Wednesday, January 24, 2007

Battlestar Galactica Going Bad

Ronald D. Moore remains the best SF writer for television, but the latest season of BSG isn't showing his considerable skill (In fact, I don't believe he's penned any of the season three scripts himself).

The season started strongly even before it aired. The webisodes were relevant, defamiliarizing insurgent tactics and, more importantly, motivations. We saw desperation and life under an occupier who ultimately believes in his own superiority. After the flight from New Caprica, however, the writing has gone adrift, like the airy dream-like interludes of Baltar's aboard the Cylon vessels. Recent episodes suffer from sentimentality, underdeveloped story arcs and irrelevance.

*** SPOILER WARNING ***

Take "The Passage," as an example.
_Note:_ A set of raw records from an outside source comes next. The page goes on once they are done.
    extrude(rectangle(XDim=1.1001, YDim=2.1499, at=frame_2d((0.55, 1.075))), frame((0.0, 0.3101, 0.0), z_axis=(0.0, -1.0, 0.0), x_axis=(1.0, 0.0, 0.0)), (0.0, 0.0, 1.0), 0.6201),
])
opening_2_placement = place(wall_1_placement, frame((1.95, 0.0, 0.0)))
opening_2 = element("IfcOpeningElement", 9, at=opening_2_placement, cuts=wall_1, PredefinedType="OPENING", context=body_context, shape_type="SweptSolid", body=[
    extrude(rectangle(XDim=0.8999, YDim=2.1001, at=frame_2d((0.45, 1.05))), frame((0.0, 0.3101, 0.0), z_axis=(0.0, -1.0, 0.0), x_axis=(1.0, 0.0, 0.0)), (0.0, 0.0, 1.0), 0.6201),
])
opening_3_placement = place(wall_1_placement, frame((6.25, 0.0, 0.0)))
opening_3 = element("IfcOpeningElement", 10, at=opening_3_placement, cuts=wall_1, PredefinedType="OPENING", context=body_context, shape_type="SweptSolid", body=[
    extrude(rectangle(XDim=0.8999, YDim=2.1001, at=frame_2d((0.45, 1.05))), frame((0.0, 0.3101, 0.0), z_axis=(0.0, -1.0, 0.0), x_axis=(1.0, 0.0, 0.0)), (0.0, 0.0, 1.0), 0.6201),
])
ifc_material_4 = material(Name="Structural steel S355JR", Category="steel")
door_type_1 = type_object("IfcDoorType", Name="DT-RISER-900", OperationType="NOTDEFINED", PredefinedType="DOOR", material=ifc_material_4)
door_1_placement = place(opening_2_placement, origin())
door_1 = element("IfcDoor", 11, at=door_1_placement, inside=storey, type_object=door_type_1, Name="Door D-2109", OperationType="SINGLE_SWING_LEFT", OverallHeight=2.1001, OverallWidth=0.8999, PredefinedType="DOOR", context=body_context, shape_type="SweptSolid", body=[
This episode's failures were all the more surprising for being written by perhaps the most talented of Joss Whedon's Mutant Enemy bullpen, Jane Espenson. "The Passage" treats the demise of Kat, the unlikable viper-jock rival of Starbuck, like the death of Admiral Nelson.

Before getting the events of that episode, take a moment to remember the last time Kat got any appreciable screentime. In "Scar," Kat flaunted her immaturity through her petty rivalry with Starbuck, brought full force in that episode's final scene as the gloating Kat demands that Starbuck fill her cup, oblivious that Starbuck herself set Kat up to kill the Cylon top gun known as Scar. Starbuck relents, but elevates the moment from Kat's oversized ego to rememberance of lost comrades. Starbuck lifts her cup and toasts all of the fallen pilots, reciting the names of each.

Yet in "The Passage" we're supposed to feel so much sympathy with Kat that we don't gag at her syrupy deathbed scene. Much more likable characters, like Billy, died without any such sentimentality. And where did the contaminated food crisis come from? We've been left wondering about food for the first two seasons. Where were 50,000 refugees getting three squares per day, especially of provisions like meat and salt?

And what's with the hybrid Cylon's and their crazy talk? Or D'Anna's quest to see the faces of the final five Cylon models? Who cares? Perhaps there's some hidden metaphor of our times here, but so far I'm not seeing it.